• Tidak ada hasil yang ditemukan

TINJAUAN PUSTAKA

3.3 Metode Penelitian .1 Persiapan

3.3.1.1 Persiapan Kandang dan Laboratorium

Persiapan kandang dimulai dengan pembersihan kotoran dan debu menggunakan pembersih lantai dan Bayclin® sebagai disinfektan, sedangkan seluruh peralatan seperti kotak dan botol dicuci dengan menggunakan air sabun dan Bayclin®. Botol-botol tersebut kemudian diisi dengan air minum yang diberikan kepada mencit. Kotak plastik juga diisi dengan kain perca agar dapat menyerap urin dan feses mencit di dalamnya dan agar mencit tidak kedinginan pada malam hari. Kandang dan kain perca yang digunakan dibersihkan setiap hari dengan menggunakan detergen dan disinfektan serta dikeringkan dengan cara dijemur.

Persiapan laboratorium untuk proses pembuatan sediaan histopatologi dan pengamatan yaitu dengan membersihkan dari kotoran dan debu. Kemudian alat yang digunakan untuk pengamatan juga dibersihkan agar mempermudah dalam penggunaan. Selain itu dilanjutkan dengan mendata bahan dan alat yang tersedia agar tidak terjadi kerusakan ataupun hilang dapat diketahui dengan cepat.

3.3.1.2 Persiapan Pakan dan Minum

Pakan yang diberikan berupa pelet komersial sebanyak ±5 gram/ekor/hari, jumlah ini sudah melebihi kebutuhan pakan seekor mencit setiap harinya. Penyimpanan pakan di tempat kering dengan membungkus dan membagi ke

dalam plastik transparan untuk memudahkan dalam pemberian pakan setiap harinya. Aqua® sebagai air minum diberikan secara ad libitum.

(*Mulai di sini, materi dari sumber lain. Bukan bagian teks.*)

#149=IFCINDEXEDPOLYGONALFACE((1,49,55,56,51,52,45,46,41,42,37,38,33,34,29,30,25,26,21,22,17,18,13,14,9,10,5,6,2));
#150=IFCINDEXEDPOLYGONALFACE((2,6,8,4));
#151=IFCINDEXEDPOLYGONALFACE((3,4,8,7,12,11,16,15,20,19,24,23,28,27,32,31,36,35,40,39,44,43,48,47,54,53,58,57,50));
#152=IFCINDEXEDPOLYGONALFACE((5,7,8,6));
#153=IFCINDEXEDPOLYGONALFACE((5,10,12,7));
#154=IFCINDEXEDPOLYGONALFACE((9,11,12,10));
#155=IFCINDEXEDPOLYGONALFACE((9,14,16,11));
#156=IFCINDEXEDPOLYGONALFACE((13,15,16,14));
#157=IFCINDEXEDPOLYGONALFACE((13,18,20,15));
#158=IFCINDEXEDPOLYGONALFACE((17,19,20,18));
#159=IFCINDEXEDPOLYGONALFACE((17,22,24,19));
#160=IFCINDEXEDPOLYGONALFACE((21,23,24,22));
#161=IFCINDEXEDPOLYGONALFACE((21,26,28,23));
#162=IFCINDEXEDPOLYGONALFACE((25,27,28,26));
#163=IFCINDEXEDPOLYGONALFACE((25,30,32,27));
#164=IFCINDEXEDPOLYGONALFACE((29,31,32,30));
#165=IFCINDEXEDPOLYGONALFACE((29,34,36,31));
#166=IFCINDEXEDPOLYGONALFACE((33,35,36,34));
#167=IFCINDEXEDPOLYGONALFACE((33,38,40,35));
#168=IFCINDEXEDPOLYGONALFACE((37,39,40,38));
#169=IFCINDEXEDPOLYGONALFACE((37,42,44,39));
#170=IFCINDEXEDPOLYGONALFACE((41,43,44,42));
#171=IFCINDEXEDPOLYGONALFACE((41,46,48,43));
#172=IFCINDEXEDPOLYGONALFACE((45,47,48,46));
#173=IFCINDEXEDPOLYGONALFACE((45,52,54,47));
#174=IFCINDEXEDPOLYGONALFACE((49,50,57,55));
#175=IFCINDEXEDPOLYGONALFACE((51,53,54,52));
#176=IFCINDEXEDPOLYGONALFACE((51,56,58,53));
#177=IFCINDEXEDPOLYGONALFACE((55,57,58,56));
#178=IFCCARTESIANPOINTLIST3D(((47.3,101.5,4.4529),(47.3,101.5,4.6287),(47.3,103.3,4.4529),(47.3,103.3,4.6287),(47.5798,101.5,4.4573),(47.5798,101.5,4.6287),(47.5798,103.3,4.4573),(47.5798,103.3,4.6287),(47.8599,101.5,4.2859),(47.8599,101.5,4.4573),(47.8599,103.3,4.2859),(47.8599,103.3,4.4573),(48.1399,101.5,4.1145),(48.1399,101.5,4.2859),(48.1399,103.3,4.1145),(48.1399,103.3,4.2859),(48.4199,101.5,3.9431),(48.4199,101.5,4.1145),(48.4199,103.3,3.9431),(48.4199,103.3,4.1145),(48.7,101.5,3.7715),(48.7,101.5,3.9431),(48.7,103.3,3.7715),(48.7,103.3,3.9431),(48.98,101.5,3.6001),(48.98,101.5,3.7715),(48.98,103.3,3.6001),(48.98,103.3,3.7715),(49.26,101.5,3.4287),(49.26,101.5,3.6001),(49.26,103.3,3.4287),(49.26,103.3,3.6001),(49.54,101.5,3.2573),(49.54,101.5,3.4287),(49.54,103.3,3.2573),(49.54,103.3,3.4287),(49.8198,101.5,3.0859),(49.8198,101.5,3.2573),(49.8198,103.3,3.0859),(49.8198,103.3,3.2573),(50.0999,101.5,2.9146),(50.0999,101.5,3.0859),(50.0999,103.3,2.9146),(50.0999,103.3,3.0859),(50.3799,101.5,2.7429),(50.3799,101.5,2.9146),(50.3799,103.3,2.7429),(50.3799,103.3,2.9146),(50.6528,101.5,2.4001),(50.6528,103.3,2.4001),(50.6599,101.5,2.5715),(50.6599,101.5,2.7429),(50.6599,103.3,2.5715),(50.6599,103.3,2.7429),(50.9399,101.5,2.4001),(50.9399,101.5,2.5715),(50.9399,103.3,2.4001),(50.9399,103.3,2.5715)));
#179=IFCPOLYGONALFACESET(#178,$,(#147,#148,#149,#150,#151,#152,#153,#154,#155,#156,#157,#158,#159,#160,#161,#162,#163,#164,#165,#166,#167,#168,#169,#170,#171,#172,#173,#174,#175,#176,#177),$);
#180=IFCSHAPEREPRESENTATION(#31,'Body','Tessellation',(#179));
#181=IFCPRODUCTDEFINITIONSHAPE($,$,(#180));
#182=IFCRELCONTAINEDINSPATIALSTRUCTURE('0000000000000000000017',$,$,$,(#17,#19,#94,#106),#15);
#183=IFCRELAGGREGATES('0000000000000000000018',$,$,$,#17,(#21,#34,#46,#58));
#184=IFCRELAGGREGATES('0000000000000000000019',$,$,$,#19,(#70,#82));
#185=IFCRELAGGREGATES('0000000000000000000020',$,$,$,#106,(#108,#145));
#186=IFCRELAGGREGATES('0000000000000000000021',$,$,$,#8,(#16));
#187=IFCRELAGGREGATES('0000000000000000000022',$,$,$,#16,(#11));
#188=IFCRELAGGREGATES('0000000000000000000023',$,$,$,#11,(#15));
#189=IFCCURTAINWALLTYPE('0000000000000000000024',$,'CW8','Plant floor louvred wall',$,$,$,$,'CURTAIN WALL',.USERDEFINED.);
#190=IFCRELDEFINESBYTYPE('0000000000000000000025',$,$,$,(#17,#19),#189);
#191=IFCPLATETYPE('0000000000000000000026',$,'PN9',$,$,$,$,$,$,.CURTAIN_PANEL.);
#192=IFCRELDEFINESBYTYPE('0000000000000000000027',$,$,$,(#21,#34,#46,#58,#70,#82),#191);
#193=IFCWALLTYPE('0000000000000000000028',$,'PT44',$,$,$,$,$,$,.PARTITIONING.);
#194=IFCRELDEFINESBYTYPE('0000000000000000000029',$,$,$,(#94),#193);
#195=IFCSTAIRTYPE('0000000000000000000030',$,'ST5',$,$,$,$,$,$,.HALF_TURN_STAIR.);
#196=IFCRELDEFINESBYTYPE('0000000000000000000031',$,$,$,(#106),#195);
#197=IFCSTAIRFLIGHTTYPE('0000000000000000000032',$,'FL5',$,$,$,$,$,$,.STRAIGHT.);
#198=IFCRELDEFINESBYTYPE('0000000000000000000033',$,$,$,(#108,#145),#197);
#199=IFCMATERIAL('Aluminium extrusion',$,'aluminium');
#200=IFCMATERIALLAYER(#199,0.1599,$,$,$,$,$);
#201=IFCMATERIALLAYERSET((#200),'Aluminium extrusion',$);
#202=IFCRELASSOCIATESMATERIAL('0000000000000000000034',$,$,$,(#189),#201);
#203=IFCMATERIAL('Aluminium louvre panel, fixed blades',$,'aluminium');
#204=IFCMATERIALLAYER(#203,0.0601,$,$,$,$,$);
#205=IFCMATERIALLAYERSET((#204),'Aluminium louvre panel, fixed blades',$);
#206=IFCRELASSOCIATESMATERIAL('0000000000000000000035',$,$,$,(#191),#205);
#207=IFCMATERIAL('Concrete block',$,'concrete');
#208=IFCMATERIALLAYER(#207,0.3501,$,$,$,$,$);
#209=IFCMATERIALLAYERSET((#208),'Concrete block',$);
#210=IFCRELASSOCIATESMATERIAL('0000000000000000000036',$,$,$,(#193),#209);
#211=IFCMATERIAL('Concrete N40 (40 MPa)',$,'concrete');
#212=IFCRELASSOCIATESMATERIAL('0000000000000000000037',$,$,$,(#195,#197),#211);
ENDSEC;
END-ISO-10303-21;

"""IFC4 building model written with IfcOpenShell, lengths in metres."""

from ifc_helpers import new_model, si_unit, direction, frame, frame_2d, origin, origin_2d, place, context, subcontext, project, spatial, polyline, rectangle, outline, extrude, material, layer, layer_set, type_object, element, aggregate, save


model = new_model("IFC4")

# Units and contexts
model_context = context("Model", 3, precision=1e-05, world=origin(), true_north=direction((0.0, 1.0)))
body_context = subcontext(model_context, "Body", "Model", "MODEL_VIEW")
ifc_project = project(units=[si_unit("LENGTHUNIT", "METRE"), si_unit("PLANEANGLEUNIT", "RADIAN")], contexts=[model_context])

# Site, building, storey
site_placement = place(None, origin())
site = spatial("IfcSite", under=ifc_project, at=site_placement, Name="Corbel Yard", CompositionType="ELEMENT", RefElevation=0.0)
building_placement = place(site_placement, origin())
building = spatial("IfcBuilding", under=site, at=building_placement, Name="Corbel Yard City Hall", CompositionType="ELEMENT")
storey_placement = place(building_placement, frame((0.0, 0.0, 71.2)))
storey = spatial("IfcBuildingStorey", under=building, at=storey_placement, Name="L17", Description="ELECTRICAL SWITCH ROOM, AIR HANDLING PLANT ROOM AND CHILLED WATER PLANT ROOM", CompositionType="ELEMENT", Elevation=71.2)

3.3.1.3 Adaptasi Mencit dan Pretreatment

Mencit yang digunakan dalam penelitian sebanyak 24 ekor yang terdiri dari 12 ekor mencit jantan dan 12 ekor mencit betina dengan rata-rata berumur 4 minggu dan mempunyai berat rata-rata ±18 gram. Mencit dimasukkan ke dalam kandang kotak plastik modifikasi dengan alas kain perca dan tutup kandang yang terbuat dari anyaman kawat dengan bingkainya terbuat dari kayu sehingga tidak melukai mencit (Gambar 6). Kandang diletakkan dalam ruangan dalam suhu ruangan yang memadai (27˚C) dengan dilengkapi ventilasi di kedua sisi kandang dan ditambah fan serta exhausefan untuk pertukaran udara. Mencit betina dan jantan diletakkan dalam kandang yang terpisah agar tidak terjadi perkawinan dan diberi label tiap kandangnya. Mencit diberi makan sebanyak 5 g/hari/mencit dan minum secara ad libitum. Adaptasi pada mencit dilakukan selama dua hari.

Gambar 7. Kandang Mencit

Setelah adaptasi selesai mencit diberi pretreatment dengan obat cacing albendazole dengan dosis 10 mg/kg BB. Setelah pemberian obat cacing, selama lima hari berturut-turut setelah itu mencit diberikan antibiotik Clavamox® 5 mg/kg BB. Terakhir, mencit diberikan antiprotozoa Flagyl® 10 mg/kg BB selama lima hari berturut-turut. Semua obat tersebut diberikan secara peroral

menggunakan sonde lambung. Selama masa pemeliharaan dan perlakuan, mencit diberi pakan sebanyak 5 gram/ekor/hari dengan air minum yang ad libitum.

3.4 Penelitian

3.4.1 Perlakuan Pada Kelompok Penelitian

Perlakuan yang dimaksud dalam penelitian ini merupakan pemberian ekstrak minyak jintan hitam. Selama masa perlakuan, mencit dibagi menjadi dua kelompok perlakuan yaitu kelompok jantan dan kelompok betina. Setiap kelompok baik jantan maupun betina dibagi lagi menjadi empat kelompok yang masing-masing kelompok terdiri atas 3 ekor mencit dan setiap kelompok diberikan perlakuan yang berbeda-beda dapat dilihat pada Tabel 7. Masa perlakuan ini berlangsung selama dua bulan yang dilakukan dengan cara pemberian peroral (cekok) Gambar 7.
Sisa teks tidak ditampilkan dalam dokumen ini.